Included in the formulation
Pharmacodynamics:Coagulation of proteins of microbial cells.
Antiseptic preparation, active against gram-positive and gram-negative microorganisms in vitro, has an antifungal effect. Lidocaine also has a local anesthetic and anti-edematous effect.
Lidocaine causes a blockade of initiation and carrying out of nerve impulses: a decrease in the permeability of cell membranes of neurons for Na ions+, probably by attachment to sodium channels, and an increase in permeability for K+, which reversibly stabilizes the cell membrane and depresses its depolarization, disrupts the propagation of the action potential and leads to a blockade of conductivity. For blockade of large nerve trunks, a higher concentration of the drug is required than for small peripheral nerves.
Antiviral effect (influenza A virus, respiratory syncytial virus, coronavirus of severe acute respiratory syndrome).
Pharmacokinetics:Amylmetacresol + Dichlorobenzyl alcohol - not studied. Lidocaine bIt is rapidly absorbed from the mucous membranes, especially from the mucous membrane of the airways; penetrates through blood-brain barrier, placental barrier and into breast milk (40% concentration in the mother plasma). The connection with plasma proteins is moderate or high (60-80% depending on the concentration). Biotransformation in the liver - 90-95%, with the participation of microsomal enzymes. Half-life dose-dependent and is in adults after an intravenous bolus injection of 1.5-2 hours (an average of 100 minutes), in newborns - 3.2 hours; with the infusion of lidocaine within 24-48 h half-life increases to 3 hours; when the liver functions, the half-life can increase in 2 times. Elimination - kidney 10% in unchanged form, but mainly in the form of metabolites; Renal excretion may be preceded by excretion of bile with subsequent reabsorption from the digestive tract. With chronic renal failure, cumulation of metabolites is possible; Acidification increases the excretion of lidocaine.
Indications:Symptomatic treatment of severe sore throat with infectious inflammationDiseases of the oral cavity and pharynx.
X.J00-J06.J02.9 Acute pharyngitis, unspecified
X.J30-J39.J35.0 Chronic tonsillitis
X.J00-J06.J03.9 Acute tonsillitis, unspecified
X.J30-J39.J37 Chronic laryngitis and laryngotracheitis
X.J00-J06.J04 Acute laryngitis and tracheitis
XVIII.R00-R09.R07.0 A sore throat
Contraindications: Hypersensitivity, children's age (up to 12 years). For a spray - an attack of bronchial asthma.

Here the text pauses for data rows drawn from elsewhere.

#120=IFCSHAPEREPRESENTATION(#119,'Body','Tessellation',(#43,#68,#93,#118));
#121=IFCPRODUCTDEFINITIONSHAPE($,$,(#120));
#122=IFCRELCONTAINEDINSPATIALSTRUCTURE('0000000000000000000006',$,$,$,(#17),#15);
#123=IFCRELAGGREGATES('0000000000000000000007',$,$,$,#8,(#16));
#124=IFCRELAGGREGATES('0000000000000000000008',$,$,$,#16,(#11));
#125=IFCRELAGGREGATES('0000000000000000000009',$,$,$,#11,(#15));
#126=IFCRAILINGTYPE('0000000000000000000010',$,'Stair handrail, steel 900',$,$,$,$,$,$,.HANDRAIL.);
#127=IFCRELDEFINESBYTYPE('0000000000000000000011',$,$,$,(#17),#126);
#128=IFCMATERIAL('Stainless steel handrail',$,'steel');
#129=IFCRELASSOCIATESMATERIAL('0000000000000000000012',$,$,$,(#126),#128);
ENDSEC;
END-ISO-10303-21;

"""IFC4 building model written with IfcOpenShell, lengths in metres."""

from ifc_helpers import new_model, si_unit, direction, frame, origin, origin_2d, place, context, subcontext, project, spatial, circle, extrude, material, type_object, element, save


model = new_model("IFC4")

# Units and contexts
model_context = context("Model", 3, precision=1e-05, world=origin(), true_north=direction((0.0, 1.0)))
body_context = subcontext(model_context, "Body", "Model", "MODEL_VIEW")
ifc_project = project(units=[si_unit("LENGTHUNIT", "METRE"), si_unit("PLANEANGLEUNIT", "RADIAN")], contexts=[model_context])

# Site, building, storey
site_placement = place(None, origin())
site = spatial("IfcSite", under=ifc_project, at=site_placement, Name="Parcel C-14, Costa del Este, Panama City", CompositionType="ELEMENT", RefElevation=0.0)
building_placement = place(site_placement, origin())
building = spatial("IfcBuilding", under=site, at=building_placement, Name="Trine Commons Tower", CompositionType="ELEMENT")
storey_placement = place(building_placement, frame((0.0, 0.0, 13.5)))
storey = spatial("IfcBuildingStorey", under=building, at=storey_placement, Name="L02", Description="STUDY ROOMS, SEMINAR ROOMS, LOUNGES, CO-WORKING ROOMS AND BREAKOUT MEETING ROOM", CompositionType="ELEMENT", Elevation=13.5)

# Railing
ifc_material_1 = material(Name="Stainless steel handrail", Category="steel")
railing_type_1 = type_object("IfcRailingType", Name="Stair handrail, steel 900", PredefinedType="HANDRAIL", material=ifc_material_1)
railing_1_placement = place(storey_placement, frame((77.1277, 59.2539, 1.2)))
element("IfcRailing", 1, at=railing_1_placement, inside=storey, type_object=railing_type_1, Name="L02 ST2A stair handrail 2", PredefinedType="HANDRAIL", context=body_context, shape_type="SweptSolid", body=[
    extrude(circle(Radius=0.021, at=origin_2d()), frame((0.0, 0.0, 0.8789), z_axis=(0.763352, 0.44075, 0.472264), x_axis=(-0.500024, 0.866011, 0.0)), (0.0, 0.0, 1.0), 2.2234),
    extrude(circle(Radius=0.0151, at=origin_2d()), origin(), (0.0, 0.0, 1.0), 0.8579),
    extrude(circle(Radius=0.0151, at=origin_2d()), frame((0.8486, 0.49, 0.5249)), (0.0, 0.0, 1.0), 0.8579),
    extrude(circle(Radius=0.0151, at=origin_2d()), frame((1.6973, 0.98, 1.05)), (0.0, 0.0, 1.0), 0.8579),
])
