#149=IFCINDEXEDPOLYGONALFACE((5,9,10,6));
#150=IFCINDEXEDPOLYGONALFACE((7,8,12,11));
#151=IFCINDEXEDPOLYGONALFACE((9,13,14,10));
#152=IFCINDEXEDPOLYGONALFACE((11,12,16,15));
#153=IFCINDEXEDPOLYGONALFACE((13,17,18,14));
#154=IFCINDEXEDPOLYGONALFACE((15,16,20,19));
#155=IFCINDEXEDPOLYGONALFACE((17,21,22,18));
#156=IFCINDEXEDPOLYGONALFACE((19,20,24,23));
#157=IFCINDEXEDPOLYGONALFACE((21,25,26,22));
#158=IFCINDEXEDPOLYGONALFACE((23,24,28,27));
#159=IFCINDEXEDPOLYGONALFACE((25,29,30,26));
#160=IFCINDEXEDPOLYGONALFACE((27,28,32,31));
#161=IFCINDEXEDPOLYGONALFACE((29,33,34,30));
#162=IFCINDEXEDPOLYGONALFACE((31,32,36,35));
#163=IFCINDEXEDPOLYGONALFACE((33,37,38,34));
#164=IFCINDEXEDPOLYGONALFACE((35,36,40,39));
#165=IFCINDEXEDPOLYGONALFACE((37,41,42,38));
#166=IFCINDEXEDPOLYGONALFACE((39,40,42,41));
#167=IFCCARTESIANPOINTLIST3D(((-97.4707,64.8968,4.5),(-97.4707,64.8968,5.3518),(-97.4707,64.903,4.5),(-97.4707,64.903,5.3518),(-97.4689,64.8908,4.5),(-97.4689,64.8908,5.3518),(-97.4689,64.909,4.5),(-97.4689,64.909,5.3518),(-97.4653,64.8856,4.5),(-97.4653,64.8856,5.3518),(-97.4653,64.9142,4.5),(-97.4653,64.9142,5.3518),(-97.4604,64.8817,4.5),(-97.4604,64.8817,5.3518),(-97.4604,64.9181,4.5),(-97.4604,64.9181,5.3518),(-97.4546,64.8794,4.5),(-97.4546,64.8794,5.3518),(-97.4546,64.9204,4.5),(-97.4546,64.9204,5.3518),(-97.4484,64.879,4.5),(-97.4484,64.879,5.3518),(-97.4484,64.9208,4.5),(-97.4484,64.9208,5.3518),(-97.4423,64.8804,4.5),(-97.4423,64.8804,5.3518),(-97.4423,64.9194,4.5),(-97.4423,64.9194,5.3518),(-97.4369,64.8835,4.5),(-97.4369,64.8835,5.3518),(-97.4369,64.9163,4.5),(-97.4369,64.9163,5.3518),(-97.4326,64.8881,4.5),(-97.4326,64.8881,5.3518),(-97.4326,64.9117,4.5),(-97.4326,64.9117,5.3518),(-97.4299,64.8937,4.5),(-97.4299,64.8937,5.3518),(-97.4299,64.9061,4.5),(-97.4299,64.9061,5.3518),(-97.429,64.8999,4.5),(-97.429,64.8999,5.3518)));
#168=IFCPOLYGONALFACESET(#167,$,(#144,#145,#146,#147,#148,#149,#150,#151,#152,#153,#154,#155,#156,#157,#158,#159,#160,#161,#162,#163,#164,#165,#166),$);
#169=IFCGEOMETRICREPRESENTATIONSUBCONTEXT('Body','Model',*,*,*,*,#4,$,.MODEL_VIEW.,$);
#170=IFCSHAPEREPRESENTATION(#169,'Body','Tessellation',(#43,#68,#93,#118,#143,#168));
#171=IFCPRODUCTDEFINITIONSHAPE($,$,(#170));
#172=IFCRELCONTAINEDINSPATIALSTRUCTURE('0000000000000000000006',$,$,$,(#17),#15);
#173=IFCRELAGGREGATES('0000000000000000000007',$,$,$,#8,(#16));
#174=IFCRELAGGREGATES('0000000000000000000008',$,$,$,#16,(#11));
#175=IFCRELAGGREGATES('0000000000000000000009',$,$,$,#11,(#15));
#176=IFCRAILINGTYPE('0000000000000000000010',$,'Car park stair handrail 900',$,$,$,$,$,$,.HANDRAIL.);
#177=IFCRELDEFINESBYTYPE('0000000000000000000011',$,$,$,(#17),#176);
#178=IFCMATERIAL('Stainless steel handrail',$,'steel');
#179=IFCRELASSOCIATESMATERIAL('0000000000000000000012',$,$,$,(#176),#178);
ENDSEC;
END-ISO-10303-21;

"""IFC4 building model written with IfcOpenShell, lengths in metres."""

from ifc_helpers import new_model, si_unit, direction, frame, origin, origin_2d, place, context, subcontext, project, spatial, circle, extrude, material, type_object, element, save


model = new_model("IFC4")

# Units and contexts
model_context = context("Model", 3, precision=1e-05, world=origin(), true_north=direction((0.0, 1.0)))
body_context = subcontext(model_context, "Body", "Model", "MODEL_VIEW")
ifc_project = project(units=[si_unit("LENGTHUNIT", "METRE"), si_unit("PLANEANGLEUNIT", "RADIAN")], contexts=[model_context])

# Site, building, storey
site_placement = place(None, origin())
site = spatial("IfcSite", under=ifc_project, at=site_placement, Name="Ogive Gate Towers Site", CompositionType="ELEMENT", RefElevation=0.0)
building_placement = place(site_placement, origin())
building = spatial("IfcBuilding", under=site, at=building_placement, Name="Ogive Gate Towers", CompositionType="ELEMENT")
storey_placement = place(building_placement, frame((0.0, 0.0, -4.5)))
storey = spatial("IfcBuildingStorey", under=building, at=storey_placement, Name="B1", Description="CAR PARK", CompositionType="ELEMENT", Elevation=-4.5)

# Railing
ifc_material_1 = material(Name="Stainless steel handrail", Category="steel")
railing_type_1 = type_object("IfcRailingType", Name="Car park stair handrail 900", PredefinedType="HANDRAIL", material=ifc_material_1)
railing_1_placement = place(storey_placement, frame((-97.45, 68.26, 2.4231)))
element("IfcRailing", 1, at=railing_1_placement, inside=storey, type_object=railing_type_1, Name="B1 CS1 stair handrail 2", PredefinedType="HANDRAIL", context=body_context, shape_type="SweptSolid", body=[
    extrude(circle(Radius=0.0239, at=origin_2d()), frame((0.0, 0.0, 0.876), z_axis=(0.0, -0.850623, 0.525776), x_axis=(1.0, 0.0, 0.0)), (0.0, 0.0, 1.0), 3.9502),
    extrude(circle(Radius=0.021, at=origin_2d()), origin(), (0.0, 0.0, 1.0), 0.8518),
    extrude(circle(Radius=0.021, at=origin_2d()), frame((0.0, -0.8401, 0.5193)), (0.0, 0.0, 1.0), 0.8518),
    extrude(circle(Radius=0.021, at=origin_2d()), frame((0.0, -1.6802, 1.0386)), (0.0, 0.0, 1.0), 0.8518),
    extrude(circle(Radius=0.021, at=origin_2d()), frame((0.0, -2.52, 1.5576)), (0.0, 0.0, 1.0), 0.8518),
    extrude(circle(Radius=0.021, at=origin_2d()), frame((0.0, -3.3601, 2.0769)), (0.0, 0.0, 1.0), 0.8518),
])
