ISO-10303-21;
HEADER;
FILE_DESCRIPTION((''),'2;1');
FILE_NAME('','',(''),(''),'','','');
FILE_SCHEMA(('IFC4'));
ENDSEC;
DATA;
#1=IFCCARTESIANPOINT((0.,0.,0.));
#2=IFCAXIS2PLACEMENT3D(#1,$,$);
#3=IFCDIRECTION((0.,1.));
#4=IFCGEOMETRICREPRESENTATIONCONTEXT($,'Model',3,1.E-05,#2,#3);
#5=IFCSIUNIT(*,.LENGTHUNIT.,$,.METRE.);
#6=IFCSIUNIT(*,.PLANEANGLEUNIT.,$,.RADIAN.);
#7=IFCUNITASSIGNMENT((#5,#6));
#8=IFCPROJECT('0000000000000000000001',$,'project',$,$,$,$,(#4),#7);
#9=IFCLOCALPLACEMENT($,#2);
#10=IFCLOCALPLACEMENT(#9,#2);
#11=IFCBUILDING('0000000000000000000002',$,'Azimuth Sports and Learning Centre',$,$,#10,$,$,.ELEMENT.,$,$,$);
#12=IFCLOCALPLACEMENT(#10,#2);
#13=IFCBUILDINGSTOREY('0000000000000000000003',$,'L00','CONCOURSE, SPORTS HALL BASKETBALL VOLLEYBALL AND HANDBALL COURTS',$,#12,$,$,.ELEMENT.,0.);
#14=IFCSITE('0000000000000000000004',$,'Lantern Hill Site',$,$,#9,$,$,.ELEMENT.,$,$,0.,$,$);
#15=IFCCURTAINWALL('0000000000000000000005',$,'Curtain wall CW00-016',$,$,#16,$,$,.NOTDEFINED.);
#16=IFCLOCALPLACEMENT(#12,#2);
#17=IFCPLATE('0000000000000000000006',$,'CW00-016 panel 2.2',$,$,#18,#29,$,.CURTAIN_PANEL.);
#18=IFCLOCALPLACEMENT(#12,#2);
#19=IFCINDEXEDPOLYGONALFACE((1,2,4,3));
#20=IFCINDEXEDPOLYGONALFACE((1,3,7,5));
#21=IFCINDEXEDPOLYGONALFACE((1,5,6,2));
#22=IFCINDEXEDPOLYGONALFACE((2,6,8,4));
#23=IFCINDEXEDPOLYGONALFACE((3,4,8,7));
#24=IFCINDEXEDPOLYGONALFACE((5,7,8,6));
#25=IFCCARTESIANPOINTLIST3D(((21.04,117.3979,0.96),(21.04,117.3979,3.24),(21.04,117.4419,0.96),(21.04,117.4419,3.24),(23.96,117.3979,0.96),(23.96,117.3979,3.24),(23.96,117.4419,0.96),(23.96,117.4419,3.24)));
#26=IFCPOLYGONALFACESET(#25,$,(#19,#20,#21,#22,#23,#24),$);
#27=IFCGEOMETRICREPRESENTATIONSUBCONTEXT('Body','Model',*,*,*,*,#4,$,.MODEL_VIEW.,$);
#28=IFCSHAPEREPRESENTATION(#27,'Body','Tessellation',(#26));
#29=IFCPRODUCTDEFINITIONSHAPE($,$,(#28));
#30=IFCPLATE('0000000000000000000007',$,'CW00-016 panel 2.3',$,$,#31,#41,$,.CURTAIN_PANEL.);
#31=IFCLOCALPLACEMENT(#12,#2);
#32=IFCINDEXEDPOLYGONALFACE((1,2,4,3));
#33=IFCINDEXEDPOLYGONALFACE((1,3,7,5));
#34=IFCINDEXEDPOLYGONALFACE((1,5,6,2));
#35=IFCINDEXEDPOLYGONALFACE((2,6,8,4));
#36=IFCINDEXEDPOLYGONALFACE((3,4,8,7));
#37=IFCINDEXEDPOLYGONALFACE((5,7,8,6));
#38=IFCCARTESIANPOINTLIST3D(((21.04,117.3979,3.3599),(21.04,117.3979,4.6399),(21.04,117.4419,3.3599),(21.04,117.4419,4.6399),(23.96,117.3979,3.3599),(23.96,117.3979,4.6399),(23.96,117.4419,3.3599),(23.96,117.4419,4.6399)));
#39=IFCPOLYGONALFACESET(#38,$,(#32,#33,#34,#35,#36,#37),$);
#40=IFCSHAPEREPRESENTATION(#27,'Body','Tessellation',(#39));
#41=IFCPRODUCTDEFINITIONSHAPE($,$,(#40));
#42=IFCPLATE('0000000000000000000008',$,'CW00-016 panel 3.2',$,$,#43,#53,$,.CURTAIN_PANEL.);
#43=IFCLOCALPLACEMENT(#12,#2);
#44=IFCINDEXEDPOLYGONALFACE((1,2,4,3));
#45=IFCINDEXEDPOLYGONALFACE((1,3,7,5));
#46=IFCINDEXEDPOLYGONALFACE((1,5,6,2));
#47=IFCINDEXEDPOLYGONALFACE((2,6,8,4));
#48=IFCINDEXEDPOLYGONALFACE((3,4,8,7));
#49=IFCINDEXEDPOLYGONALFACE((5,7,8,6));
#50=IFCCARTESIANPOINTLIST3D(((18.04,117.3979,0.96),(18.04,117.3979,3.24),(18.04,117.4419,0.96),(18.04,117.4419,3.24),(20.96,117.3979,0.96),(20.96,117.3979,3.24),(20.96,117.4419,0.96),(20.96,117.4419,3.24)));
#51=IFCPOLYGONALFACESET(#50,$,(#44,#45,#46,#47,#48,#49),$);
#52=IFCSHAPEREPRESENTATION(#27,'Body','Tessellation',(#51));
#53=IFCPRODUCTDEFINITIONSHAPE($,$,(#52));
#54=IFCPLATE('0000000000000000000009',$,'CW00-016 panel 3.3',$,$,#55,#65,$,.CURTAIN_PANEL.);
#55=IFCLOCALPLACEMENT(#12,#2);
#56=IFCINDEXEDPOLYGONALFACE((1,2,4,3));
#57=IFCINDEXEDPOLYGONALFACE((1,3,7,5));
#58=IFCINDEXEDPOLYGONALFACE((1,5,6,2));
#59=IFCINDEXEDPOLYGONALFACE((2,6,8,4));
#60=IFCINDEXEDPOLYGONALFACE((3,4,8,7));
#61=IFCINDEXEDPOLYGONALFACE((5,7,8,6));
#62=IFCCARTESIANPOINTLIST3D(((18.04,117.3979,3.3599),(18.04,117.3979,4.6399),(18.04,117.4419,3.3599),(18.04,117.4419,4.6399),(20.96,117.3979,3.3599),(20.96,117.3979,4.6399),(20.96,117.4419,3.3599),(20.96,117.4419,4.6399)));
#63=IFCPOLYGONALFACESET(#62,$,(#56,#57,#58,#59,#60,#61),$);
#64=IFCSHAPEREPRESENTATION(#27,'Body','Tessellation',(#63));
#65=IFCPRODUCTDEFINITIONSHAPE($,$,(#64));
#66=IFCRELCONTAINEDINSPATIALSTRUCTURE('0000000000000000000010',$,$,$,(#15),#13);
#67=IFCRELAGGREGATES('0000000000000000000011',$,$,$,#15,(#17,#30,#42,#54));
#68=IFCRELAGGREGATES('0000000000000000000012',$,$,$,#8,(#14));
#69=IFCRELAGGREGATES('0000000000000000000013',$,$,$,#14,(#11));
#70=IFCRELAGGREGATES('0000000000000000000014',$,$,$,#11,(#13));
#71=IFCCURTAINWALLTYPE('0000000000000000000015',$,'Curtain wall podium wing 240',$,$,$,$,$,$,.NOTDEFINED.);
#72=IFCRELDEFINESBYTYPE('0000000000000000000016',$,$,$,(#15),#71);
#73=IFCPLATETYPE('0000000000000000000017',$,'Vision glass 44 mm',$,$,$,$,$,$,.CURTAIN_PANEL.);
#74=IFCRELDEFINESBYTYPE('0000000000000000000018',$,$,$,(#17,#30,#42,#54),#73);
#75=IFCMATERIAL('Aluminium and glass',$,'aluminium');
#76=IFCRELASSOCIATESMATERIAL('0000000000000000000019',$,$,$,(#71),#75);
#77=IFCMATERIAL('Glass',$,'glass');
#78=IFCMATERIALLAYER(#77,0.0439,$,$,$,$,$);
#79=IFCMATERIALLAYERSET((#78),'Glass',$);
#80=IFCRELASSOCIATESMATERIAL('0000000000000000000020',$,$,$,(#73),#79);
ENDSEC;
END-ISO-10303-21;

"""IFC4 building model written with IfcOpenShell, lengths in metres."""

from ifc_helpers import new_model, si_unit, direction, frame, origin, origin_2d, place, context, subcontext, project, spatial, rectangle, extrude, material, layer, layer_set, type_object, element, aggregate, save


model = new_model("IFC4")

# Units and contexts
model_context = context("Model", 3, precision=1e-05, world=origin(), true_north=direction((0.0, 1.0)))
body_context = subcontext(model_context, "Body", "Model", "MODEL_VIEW")
ifc_project = project(units=[si_unit("LENGTHUNIT", "METRE"), si_unit("PLANEANGLEUNIT", "RADIAN")], contexts=[model_context])

# Site, building, storey
site_placement = place(None, origin())
site = spatial("IfcSite", under=ifc_project, at=site_placement, Name="Lantern Hill Site", CompositionType="ELEMENT", RefElevation=0.0)
building_placement = place(site_placement, origin())
building = spatial("IfcBuilding", under=site, at=building_placement, Name="Azimuth Sports and Learning Centre", CompositionType="ELEMENT")
storey_placement = place(building_placement, origin())
storey = spatial("IfcBuildingStorey", under=building, at=storey_placement, Name="L00", Description="CONCOURSE, SPORTS HALL BASKETBALL VOLLEYBALL AND HANDBALL COURTS", CompositionType="ELEMENT", Elevation=0.0)

# Curtain wall, plates
ifc_material_1 = material(Name="Aluminium and glass", Category="aluminium")
curtain_wall_type = type_object("IfcCurtainWallType", Name="Curtain wall podium wing 240", PredefinedType="NOTDEFINED", material=ifc_material_1)
curtain_wall_placement = place(storey_placement, origin())
curtain_wall = element("IfcCurtainWall", 1, at=curtain_wall_placement, inside=storey, type_object=curtain_wall_type, Name="Curtain wall CW00-016", PredefinedType="NOTDEFINED")
ifc_material_2 = material(Name="Glass", Category="glass")
ifc_layer_1 = layer(ifc_material_2, 0.0439)
ifc_layer_set_1 = layer_set([ifc_layer_1], Name="Glass")
plate_type_1 = type_object("IfcPlateType", Name="Vision glass 44 mm", PredefinedType="CURTAIN_PANEL", material=ifc_layer_set_1)
plate_1_placement = place(storey_placement, frame((22.5, 117.4199, 0.96), z_axis=(0.0, 0.0, 1.0), x_axis=(-1.0, 0.0, 0.0)))
plate_1 = element("IfcPlate", 2, at=plate_1_placement, type_object=plate_type_1, Name="CW00-016 panel 2.2", PredefinedType="CURTAIN_PANEL", context=body_context, shape_type="SweptSolid", body=[
    extrude(rectangle(XDim=2.9199, YDim=0.0439, at=origin_2d()), origin(), (0.0, 0.0, 1.0), 2.28),
])
plate_2_placement = place(storey_placement, frame((22.5, 117.4199, 3.3599), z_axis=(0.0, 0.0, 1.0), x_axis=(-1.0, 0.0, 0.0)))
plate_2 = element("IfcPlate", 3, at=plate_2_placement, type_object=plate_type_1, Name="CW00-016 panel 2.3", PredefinedType="CURTAIN_PANEL", context=body_context, shape_type="SweptSolid", body=[
    extrude(rectangle(XDim=2.9199, YDim=0.0439, at=origin_2d()), origin(), (0.0, 0.0, 1.0), 1.28),
])
plate_3_placement = place(storey_placement, frame((19.5, 117.4199, 0.96), z_axis=(0.0, 0.0, 1.0), x_axis=(-1.0, 0.0, 0.0)))
plate_3 = element("IfcPlate", 4, at=plate_3_placement, type_object=plate_type_1, Name="CW00-016 panel 3.2", PredefinedType="CURTAIN_PANEL", context=body_context, shape_type="SweptSolid", body=[
    extrude(rectangle(XDim=2.9199, YDim=0.0439, at=origin_2d()), origin(), (0.0, 0.0, 1.0), 2.28),
])
plate_4_placement = place(storey_placement, frame((19.5, 117.4199, 3.3599), z_axis=(0.0, 0.0, 1.0), x_axis=(-1.0, 0.0, 0.0)))
plate_4 = element("IfcPlate", 5, at=plate_4_placement, type_object=plate_type_1, Name="CW00-016 panel 3.3", PredefinedType="CURTAIN_PANEL", context=body_context, shape_type="SweptSolid", body=[
    extrude(rectangle(XDim=2.9199, YDim=0.0439, at=origin_2d()), origin(), (0.0, 0.0, 1.0), 1.28),
])
aggregate(curtain_wall, [plate_1, plate_2, plate_3, plate_4])

save(model, "model.ifc")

Carefully:Diabetes mellitus (1 tablet contains 2.6 mg of sugar). Pregnancy, lactation; for the spray - bronchial asthma.
Pregnancy and lactation:The category of FDA recommendations is not defined. Adequate and well-controlled studies on humans and animals have not been conducted.
There is no information on the penetration into breast milk. Application for pregnancy and lactation (breastfeeding) is possible according to the indications and only under the supervision of the doctor.
Dosing and Administration:Locally. Adults and children over 12 years old - resorb one tablet every 2-3 hours (no more than 8 tablets within 24 hours). The maximum daily dose is 8 tablets. Tablets should be resorbed in the mouth until completely dissolved.
Spray: adults and children over 12 years of age - irrigate the inflamed area by double pressing the head of the vial (1 dose); if necessary, repeat the procedure every 3 hours (no more than 6 doses within 24 hours).Duration of application - no more than 5 days.
Side effects:Allergic reactions, loss of sensitivity of the tongue (care must be taken when taking hot food and water); in some cases, the resorptive toxic effect of lidocaine is possible.
Overdose:It is unlikely that a possible overdose can lead to severe anesthesia of the upper digestive tract. Nausea, vomiting, diarrhea.
Treatment: symptomatic.
Interaction:Clinically significant interactions with other drugs have not been identified.
Special instructions:In case of accidental miss of one or more doses, the dose is not increased.